WOuld like some info on navigation and general fishing in this area. Mainly navigation. I think its time I start scanning.


----------



## BDGreen (Jul 20, 2019)

I have a place there. The area in the upper left of your map takes you to White Rock Creek. There's a creek channel that runs from the HWY. 356 bridge to that area and you'll need your electronics to follow it. There are a lot of under water obstructions to be aware of. 

The upper right side takes you to Caney Creek. That area is silted in and there are a lot of trees under the surface that will take out a lower unit in a heartbeat. My brother tore his up. 

Both creeks are great fishing areas, but a pain to get into. There's a public boat ramp on White Rock off of Hwy. 94 out of Trinity. White Rock City Marina also has a boat ramp and they sell minnows and stuff.


----------



## Jigger (Feb 12, 2009)

Thanks for the info. What can you tell me about hwy 356 marina?


----------



## BDGreen (Jul 20, 2019)

That marina closed a long time ago. I heard there's a place at Westwood Shores where you can get gas. I always fill my boat before I go and there's a small tackle & bait shop in Trinity on 94.


----------



## Jigger (Feb 12, 2009)

So Im stuck to white rock city marina? I see Harbor point boat ramp but i imagine its a neighborhood membership deal.


----------



## BDGreen (Jul 20, 2019)

That's a neighborhood ramp. There's a ramp where the marina used to be at the 356 bridge. There's an RV park there now, so I don't if it's for park residents or not.


----------



## ccketchum (Oct 18, 2010)

is parr's marina on the upper end of white rock is still open ?


----------



## BDGreen (Jul 20, 2019)

nauti19 said:


> is parr's marina on the upper end of white rock is still open ?

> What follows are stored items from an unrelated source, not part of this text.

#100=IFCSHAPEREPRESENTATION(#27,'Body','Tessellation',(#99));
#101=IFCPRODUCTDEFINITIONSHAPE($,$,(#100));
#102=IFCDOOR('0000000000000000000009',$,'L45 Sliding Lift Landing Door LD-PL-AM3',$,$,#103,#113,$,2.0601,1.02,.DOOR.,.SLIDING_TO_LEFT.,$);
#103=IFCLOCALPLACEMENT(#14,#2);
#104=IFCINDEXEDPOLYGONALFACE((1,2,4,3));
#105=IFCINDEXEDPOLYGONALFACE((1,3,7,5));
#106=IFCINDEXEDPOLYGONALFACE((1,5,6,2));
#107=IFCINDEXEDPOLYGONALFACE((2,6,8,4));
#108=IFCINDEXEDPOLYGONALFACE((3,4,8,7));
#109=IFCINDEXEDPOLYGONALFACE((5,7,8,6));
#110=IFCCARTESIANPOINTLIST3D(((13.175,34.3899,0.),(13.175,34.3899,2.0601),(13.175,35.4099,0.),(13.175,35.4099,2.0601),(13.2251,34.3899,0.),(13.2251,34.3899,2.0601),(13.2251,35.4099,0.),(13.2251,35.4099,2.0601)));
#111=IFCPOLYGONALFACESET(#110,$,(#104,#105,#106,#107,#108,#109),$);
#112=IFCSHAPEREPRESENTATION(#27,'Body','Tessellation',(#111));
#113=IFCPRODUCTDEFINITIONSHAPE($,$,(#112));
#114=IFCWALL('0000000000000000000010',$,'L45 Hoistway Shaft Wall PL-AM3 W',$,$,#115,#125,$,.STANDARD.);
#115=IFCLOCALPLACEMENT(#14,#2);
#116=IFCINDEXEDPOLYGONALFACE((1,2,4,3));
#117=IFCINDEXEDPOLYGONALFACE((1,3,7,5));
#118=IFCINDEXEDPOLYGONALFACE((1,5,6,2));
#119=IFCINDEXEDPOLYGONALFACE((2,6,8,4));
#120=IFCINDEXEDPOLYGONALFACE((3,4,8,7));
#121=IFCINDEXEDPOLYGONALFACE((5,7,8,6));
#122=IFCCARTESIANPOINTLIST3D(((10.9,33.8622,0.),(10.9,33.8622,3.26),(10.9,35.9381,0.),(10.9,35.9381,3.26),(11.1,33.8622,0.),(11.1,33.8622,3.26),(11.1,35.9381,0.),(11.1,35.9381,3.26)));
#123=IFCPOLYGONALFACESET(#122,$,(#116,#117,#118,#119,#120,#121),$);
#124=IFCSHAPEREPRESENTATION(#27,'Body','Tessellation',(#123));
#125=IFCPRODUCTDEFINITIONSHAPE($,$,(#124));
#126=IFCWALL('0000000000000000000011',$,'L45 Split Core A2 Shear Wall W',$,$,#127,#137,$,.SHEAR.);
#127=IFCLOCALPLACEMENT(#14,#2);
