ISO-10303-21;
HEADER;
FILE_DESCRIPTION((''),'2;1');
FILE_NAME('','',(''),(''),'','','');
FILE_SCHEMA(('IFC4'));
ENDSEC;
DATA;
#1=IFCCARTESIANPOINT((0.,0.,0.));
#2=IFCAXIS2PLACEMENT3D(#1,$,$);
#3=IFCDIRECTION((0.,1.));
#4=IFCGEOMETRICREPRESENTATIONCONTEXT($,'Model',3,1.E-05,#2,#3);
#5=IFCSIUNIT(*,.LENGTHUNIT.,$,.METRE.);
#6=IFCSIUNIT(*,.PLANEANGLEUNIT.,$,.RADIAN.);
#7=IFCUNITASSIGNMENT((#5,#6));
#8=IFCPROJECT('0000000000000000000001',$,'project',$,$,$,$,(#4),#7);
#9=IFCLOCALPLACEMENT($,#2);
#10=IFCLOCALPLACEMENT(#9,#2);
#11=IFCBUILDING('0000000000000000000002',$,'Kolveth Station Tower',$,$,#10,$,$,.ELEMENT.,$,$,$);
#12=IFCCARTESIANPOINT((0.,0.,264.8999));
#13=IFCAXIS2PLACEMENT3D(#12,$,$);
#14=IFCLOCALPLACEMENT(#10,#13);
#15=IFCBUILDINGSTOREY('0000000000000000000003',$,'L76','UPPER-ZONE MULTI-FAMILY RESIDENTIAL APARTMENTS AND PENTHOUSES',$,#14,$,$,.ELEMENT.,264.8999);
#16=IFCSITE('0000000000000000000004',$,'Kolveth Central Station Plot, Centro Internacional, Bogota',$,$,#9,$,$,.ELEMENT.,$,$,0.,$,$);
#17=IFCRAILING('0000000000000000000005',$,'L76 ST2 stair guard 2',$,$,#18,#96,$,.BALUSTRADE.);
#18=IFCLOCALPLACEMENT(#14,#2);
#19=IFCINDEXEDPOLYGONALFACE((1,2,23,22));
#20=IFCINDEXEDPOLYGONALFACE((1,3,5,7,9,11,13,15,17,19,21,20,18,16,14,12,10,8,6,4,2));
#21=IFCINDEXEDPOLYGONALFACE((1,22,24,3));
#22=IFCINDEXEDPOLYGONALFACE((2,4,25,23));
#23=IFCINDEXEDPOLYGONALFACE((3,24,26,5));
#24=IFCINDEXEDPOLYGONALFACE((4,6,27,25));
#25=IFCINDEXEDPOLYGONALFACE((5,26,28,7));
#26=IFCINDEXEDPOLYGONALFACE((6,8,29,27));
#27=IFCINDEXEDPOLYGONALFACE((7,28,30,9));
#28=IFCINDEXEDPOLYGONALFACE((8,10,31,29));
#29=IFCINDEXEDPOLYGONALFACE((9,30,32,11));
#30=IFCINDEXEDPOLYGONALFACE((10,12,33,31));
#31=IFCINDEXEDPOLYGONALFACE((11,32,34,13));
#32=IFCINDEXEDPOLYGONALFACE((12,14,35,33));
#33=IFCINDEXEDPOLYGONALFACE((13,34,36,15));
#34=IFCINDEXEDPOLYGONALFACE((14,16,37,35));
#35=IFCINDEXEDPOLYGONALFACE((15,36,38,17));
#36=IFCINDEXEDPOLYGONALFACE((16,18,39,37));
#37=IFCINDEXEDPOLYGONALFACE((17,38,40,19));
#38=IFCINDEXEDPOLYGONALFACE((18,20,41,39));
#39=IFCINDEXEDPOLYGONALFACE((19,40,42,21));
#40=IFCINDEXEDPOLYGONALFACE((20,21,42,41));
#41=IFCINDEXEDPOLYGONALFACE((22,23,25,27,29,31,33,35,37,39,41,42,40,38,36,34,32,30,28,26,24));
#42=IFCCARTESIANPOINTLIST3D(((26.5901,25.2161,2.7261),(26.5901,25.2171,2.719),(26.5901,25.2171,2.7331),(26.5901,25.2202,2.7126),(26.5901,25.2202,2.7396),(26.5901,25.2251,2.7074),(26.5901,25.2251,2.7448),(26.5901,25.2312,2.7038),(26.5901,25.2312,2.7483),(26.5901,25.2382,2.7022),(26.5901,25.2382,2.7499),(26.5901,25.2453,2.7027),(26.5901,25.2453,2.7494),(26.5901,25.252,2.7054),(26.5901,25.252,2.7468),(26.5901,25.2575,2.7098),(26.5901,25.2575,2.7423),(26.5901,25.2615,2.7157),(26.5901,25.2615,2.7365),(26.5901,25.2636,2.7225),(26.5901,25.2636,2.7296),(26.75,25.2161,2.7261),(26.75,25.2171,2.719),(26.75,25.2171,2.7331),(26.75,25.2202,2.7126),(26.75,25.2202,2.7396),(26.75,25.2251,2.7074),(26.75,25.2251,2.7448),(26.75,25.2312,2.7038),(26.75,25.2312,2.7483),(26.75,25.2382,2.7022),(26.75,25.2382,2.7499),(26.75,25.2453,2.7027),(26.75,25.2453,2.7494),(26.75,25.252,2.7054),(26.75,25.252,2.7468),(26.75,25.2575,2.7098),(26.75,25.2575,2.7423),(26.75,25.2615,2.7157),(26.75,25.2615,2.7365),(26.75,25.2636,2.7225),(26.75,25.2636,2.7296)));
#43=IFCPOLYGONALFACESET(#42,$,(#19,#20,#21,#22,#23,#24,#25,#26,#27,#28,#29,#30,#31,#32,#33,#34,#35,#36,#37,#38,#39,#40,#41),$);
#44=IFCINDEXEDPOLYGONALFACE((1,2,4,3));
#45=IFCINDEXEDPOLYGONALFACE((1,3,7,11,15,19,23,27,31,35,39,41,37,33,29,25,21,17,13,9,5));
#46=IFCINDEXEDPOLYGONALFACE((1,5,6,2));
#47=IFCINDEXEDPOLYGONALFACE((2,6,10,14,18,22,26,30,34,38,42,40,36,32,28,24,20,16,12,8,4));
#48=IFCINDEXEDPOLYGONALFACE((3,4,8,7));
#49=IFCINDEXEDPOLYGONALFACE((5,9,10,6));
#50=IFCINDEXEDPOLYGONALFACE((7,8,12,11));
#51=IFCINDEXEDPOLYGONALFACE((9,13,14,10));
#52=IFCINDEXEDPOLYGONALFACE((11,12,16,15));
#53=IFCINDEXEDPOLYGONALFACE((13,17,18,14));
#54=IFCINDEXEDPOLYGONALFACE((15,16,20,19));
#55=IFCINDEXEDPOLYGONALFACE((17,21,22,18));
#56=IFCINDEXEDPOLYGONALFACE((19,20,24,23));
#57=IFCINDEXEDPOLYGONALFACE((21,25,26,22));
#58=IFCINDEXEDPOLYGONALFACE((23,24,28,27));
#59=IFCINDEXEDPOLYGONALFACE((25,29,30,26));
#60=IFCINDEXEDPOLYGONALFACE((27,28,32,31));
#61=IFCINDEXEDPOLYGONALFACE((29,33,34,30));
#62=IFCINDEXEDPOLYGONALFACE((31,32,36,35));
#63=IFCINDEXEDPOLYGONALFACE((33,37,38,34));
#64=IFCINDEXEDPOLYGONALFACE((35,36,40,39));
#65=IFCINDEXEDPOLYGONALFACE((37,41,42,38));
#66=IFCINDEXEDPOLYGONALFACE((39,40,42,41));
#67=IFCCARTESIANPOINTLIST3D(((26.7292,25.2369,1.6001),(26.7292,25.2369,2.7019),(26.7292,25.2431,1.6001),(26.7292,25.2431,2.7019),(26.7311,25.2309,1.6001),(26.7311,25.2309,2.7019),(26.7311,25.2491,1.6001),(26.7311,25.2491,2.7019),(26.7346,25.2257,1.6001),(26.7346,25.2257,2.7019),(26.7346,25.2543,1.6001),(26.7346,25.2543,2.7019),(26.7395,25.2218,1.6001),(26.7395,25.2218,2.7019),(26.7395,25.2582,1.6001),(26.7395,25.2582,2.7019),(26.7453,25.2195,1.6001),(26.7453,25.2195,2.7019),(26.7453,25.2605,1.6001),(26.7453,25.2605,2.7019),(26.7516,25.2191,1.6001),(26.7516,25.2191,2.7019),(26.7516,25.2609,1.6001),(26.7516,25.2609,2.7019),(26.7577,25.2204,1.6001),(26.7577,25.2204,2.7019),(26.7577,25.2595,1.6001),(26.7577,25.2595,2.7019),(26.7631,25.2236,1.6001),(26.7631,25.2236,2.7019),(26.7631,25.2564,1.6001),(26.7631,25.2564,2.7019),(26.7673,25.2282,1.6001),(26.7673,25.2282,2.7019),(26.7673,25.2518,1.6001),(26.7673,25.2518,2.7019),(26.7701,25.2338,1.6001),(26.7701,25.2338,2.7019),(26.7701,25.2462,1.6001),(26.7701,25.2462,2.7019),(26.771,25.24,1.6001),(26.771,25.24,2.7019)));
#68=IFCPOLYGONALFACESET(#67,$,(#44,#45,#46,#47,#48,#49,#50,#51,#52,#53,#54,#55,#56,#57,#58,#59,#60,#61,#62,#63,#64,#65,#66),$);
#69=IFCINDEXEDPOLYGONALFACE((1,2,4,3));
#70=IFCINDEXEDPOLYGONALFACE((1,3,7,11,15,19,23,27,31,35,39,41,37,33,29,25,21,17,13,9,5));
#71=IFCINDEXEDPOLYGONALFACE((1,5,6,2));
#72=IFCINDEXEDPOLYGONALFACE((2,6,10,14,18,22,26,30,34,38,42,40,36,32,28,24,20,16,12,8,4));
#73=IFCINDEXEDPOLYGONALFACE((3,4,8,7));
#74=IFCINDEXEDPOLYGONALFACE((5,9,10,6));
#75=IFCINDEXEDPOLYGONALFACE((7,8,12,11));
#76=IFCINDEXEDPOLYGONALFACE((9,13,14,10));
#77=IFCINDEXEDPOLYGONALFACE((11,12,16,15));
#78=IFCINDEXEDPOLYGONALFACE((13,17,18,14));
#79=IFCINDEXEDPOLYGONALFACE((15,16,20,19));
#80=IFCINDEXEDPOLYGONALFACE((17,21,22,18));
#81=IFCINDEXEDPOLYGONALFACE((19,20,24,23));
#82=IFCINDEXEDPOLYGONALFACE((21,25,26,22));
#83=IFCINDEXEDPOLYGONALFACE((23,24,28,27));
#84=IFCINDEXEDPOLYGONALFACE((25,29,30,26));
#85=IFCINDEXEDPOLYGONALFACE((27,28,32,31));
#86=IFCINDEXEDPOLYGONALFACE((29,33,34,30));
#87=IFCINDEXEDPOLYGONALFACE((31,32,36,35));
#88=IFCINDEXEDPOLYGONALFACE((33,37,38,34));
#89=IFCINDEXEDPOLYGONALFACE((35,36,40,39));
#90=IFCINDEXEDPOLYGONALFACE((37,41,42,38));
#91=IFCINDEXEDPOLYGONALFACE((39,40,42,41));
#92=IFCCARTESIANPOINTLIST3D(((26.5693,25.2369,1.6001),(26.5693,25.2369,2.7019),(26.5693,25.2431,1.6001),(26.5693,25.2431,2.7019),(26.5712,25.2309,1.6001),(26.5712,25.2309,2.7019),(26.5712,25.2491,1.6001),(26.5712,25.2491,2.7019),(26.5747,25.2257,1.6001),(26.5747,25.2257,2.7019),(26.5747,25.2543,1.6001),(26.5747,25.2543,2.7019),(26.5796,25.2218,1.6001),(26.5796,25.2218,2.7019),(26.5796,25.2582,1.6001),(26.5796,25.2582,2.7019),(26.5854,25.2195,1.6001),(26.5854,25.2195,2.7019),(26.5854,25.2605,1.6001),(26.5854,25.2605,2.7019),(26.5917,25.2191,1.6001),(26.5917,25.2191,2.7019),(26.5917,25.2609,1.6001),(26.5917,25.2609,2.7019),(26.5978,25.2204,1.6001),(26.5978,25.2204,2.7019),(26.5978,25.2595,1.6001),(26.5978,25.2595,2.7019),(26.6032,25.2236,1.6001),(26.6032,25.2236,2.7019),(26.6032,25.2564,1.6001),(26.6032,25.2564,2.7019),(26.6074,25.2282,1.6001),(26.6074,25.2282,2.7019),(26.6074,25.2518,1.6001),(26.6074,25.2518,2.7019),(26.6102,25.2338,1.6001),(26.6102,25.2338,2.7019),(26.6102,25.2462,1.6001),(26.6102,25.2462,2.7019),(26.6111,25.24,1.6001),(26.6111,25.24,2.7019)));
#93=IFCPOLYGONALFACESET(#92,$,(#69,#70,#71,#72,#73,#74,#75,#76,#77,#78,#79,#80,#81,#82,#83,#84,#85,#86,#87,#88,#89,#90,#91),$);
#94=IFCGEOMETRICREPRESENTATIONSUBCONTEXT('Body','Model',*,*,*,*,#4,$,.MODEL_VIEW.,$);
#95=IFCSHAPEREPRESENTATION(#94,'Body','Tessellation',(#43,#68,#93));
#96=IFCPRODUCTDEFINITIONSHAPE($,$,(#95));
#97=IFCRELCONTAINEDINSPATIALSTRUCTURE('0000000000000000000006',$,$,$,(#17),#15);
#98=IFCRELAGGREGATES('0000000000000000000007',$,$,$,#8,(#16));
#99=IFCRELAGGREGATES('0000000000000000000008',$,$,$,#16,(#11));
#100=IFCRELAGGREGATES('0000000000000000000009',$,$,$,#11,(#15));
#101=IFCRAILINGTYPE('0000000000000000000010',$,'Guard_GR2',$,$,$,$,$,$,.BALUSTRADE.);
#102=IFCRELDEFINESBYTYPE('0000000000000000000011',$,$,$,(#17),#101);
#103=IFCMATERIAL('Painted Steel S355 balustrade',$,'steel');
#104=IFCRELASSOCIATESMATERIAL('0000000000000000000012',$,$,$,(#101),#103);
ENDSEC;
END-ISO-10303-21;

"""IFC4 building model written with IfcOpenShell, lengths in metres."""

from ifc_helpers import new_model, si_unit, direction, frame, origin, origin_2d, place, context, subcontext, project, spatial, circle, extrude, material, type_object, element, save


model = new_model("IFC4")

# Units and contexts
model_context = context("Model", 3, precision=1e-05, world=origin(), true_north=direction((0.0, 1.0)))
body_context = subcontext(model_context, "Body", "Model", "MODEL_VIEW")
ifc_project = project(units=[si_unit("LENGTHUNIT", "METRE"), si_unit("PLANEANGLEUNIT", "RADIAN")], contexts=[model_context])

# Site, building, storey
site_placement = place(None, origin())
site = spatial("IfcSite", under=ifc_project, at=site_placement, Name="Kolveth Central Station Plot, Centro Internacional, Bogota", CompositionType="ELEMENT", RefElevation=0.0)
building_placement = place(site_placement, origin())
building = spatial("IfcBuilding", under=site, at=building_placement, Name="Kolveth Station Tower", CompositionType="ELEMENT")
storey_placement = place(building_placement, frame((0.0, 0.0, 264.8999)))
storey = spatial("IfcBuildingStorey", under=building, at=storey_placement, Name="L76", Description="UPPER-ZONE MULTI-FAMILY RESIDENTIAL APARTMENTS AND PENTHOUSES", CompositionType="ELEMENT", Elevation=264.8999)

# Railing
ifc_material_1 = material(Name="Painted Steel S355 balustrade", Category="steel")
railing_type_1 = type_object("IfcRailingType", Name="Guard_GR2", PredefinedType="BALUSTRADE", material=ifc_material_1)
railing_1_placement = place(storey_placement, frame((26.75, 25.24, 1.6001)))
element("IfcRailing", 1, at=railing_1_placement, inside=storey, type_object=railing_type_1, Name="L76 ST2 stair guard 2", PredefinedType="BALUSTRADE", context=body_context, shape_type="SweptSolid", body=[
    extrude(circle(Radius=0.0239, at=origin_2d()), frame((0.0, 0.0, 1.126), z_axis=(-1.0, 0.0, 0.0), x_axis=(0.0, -1.0, 0.0)), (0.0, 0.0, 1.0), 0.1599),
    extrude(circle(Radius=0.021, at=origin_2d()), origin(), (0.0, 0.0, 1.0), 1.1018),
    extrude(circle(Radius=0.021, at=origin_2d()), frame((-0.1599, 0.0, 0.0)), (0.0, 0.0, 1.0), 1.1018),
])

save(model, "model.ifc")
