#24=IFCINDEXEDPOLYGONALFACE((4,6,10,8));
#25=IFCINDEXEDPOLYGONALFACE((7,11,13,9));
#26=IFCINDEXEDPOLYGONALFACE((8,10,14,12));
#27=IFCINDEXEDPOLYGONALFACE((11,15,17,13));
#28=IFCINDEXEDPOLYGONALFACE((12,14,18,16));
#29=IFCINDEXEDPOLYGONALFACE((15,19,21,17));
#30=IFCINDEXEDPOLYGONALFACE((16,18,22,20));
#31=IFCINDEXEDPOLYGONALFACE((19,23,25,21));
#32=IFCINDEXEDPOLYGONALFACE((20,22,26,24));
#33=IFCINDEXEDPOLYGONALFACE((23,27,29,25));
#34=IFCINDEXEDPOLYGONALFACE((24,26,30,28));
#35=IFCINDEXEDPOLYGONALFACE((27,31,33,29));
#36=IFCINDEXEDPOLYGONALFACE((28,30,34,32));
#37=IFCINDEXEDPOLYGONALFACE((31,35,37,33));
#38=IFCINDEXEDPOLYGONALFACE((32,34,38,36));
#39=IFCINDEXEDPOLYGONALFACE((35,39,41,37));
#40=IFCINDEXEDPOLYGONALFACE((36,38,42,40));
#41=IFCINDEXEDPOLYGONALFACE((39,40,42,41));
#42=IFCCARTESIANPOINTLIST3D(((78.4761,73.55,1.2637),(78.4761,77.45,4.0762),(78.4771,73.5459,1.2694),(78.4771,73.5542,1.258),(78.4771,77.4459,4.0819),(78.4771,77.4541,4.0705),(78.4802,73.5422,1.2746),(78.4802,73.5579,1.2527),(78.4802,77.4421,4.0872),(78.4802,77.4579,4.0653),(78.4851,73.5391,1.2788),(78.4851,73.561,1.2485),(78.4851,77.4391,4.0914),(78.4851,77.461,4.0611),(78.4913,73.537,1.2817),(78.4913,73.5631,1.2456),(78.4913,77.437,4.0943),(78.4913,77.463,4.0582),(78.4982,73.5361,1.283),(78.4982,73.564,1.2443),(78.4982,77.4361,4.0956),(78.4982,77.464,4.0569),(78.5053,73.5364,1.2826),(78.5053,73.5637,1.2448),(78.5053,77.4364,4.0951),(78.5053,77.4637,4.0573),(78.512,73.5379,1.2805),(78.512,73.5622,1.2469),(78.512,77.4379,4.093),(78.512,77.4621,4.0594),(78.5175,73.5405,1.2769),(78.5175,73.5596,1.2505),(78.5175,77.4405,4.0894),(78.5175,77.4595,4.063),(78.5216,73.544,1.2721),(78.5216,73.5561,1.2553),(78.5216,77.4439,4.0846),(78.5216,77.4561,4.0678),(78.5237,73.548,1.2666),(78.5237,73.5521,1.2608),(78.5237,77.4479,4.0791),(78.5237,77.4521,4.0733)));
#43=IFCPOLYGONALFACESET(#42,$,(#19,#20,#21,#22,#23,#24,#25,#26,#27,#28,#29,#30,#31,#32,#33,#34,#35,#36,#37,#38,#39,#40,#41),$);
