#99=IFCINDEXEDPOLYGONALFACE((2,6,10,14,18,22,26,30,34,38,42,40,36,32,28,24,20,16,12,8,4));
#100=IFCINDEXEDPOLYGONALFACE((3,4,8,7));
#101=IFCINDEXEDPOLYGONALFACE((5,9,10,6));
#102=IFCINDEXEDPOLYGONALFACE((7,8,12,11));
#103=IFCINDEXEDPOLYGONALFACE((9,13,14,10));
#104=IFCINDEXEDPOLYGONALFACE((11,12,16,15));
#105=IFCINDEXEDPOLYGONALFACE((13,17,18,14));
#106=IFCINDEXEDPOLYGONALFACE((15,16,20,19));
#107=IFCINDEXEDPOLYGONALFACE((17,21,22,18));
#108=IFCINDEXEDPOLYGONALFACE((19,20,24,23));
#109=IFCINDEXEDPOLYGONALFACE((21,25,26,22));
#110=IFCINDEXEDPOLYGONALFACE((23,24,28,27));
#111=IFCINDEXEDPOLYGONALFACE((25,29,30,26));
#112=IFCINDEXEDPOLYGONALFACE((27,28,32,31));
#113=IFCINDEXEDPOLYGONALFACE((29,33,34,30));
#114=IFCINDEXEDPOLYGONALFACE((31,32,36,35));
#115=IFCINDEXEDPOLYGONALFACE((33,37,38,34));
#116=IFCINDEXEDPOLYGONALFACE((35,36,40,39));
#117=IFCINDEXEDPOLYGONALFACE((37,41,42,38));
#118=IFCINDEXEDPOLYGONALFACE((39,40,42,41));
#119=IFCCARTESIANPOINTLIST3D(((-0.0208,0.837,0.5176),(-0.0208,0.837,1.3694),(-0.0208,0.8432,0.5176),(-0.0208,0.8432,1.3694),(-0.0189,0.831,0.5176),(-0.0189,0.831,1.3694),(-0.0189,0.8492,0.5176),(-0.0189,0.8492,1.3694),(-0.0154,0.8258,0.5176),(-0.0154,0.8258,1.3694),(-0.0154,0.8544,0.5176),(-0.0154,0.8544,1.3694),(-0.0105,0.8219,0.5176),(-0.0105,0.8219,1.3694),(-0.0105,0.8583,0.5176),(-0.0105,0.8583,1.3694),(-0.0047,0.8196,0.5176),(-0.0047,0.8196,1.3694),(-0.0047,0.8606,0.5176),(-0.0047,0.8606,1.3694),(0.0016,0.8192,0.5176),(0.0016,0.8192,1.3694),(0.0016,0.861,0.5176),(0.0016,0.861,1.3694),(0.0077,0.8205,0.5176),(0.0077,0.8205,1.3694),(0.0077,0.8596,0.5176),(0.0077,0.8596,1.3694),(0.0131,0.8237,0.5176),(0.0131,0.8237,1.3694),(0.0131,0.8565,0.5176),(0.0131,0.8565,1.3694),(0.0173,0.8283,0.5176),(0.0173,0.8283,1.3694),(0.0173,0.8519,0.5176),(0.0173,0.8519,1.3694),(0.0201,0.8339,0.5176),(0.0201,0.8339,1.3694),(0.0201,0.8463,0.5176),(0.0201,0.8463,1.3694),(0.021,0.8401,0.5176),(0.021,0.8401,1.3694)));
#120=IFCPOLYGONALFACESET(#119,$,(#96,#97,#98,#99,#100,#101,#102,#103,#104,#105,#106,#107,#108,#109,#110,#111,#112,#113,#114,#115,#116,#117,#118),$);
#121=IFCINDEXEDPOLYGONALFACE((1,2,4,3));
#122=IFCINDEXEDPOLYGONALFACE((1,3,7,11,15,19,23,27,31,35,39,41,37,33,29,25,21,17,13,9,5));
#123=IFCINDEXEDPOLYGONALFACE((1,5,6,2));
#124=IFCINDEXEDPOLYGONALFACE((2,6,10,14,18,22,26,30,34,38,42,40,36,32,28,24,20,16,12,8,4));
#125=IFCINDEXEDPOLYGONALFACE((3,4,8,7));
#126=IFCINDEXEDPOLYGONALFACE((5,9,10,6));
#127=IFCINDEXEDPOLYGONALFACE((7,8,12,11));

The last time I checked, it was not. That was about a year ago.


----------



## whsalum (Mar 4, 2013)

You can launch at 356 Marina but lock your truck. I would recommend going with someone the first time because you can tear some stuff up. Great catfishing up there


----------



## Gofish2day (May 9, 2006)

Just remember there are shoals in white Rock Creek. Cable across marks it.
Way up above hwy 19


----------



## Fitzgerald (Nov 11, 2013)

Gofish2day said:


> Just remember there are shoals in white Rock Creek. Cable across marks it.
> Way up above hwy 19


White Rock Creek does not cross Hwy 19. The creek pretty much runs north-south. I think you meant Hwy 94. Tantabogue Creek crosses Hwy 19 and I reckon the white bass go up it. There are unmarked shoals and rocks in White Rock Creek too.


----------



## Rivercat (Feb 1, 2006)

*Fishing the upper end*

Jigger, fishing the upper end is easy to navigate. So long as you have a fish finder with navigation. Just stay with the creek channel when traveling from one end to the other and you roll on. There is good white bass and catfishing in the main body! White Rock creek and Caney Creek are great fishing as well! Especially this time of year for Crappie and Whites! There is a good boat ramp on 94 that is only about 5 to 10 minutes from the body of the lake. I live in Westwood Shores, you can get gas and bait (minnows) there along with snacks. White Rock City marina is between the boat ramp on 94 and the main body. They have beer, snacks and bait. But they are a little pricey! You can get shad pretty much year around at 356 bridge with the a cast net. Also catfishing there at the bridge is usually pretty good, it's 30 foot deep there under the bridge! Also the mouth of the Trinity river is right there at 356 bridge area! AKA THE JUNGLE! it all can be accessed easily from 94, short hauls to all. In the summer, the whites school out in the center of the body you circled! Stay over to the south east center and you should do pretty good trolling, drifting or easing around with troll motor. The Bulkhead bite is great in this area, fill up a freezer in minutes!The channel is marked with white PVC, if you stay just east off them, you should be fine. Running White Rock and Caney are fairly easy and the dangers in White Rock are marked, watch the signs! Keep am eye out though, we get drifting logs from time to time in the main body, same as anywhere. I hope that helps, good luck!


----------



## shadslinger (Aug 21, 2005)

Rivercat can you get from White rock City marina back into the lake? That shoreline by the subdivision just south of White Rock city Marina is it Westwood Shores where you are talking about staying east of poles?
the last time I tried to go from the creek back out into the lake it too silted in for my deep draft boat.


----------



## Gofish2day (May 9, 2006)

Thanks for the Correction Fitz.
I have only launched at Trinity the one with the Bar and the Tires cemented into the bank at the ramp. Cheap minnows there too.
If you travel right (south) from there the river starts to break up a short ways down. That is where chickens like me turn around. Heading North you cross a bridge with a free boat ramp which is what I was referring to.
Great info but I think I will stay to the safe route.


----------



## Jigger (Feb 12, 2009)

Some great info as I was searching for. I would be willing to pay some one to take a boat ride with me. I'll be crappie fishing and maybe chasing a few whites. I typically go to pine island area for white bass but if it's good up there then I shouldn't have to move.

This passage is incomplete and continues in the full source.